3. The display panel to be cut according to claim 1, further comprising a second insulating layer located at the body region and the extension region and at a side of the second metal layer away from the first insulating layer, and a third metal layer located at the body region and between the second insulating layer and the substrate;

the second metal layer is electrically connected with the third metal layer.

4. The display panel to be cut of claim 1, further comprising a filler metal layer located in the extension region and between the first insulating layer and the substrate; the filling metal layer is arranged in an insulating manner with the second metal layer, and the stability of the filling metal layer is greater than that of the second metal layer.

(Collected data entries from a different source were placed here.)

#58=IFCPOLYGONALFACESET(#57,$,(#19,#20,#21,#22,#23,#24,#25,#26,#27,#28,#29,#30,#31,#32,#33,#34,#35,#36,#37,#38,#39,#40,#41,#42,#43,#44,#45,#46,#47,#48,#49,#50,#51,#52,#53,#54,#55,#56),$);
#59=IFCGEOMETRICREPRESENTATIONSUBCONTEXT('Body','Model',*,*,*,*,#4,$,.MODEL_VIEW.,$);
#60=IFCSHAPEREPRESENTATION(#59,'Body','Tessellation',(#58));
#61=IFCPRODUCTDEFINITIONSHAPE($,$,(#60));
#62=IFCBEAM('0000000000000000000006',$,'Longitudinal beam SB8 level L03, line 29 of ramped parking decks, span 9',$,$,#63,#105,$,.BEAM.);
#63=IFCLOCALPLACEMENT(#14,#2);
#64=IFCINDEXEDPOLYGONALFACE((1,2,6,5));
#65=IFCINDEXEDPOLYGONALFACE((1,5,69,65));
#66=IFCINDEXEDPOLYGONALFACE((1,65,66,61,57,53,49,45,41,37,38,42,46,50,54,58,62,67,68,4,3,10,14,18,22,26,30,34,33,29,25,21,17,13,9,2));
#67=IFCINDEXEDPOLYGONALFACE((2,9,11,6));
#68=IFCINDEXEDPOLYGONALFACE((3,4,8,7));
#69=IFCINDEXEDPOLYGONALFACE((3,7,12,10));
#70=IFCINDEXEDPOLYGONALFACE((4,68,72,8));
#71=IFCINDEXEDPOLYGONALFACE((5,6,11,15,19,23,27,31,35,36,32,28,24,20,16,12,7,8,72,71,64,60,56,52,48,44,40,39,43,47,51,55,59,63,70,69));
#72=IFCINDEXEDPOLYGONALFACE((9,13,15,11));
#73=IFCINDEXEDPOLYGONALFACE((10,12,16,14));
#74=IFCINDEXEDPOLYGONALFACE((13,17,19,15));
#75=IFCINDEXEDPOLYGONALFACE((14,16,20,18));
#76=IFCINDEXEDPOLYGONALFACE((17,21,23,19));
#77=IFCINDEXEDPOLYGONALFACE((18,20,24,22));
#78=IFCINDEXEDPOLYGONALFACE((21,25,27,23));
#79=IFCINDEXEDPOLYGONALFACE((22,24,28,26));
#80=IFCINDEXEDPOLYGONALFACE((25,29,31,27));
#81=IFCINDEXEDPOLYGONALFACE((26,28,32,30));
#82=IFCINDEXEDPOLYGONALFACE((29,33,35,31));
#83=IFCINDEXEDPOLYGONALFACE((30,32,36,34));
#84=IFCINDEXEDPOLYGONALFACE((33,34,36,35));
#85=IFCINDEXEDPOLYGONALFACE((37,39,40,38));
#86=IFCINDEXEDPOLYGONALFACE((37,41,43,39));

5. The display panel to be cut according to claim 1, wherein a plurality of first through holes are provided on the first insulating layer located in the body region, and the first metal layer is electrically connected to the second metal layer through the plurality of first through holes;

and a plurality of second through holes are formed in the first insulating layer located in the extension region, and the first metal layer is also located in the second through holes.

6. The display panel to be cut according to claim 5, wherein the first through holes and the second through holes have the same pore diameters, and the distribution density of the first through holes and the distribution density of the second through holes are the same.

7. The display panel to be cut according to claim 1, wherein the material of the first metal layer comprises indium tin oxide and the material of the second metal layer comprises any one of molybdenum and aluminum.

8. A display panel comprising the structure of the display panel to be cut according to any one of claims 1 to 7 after the display panel to be cut is cut in the area to be cut.

9. A display device comprising the display panel of claim 8 and a circuit board; the circuit board is in binding connection with the first metal layer located in the binding area.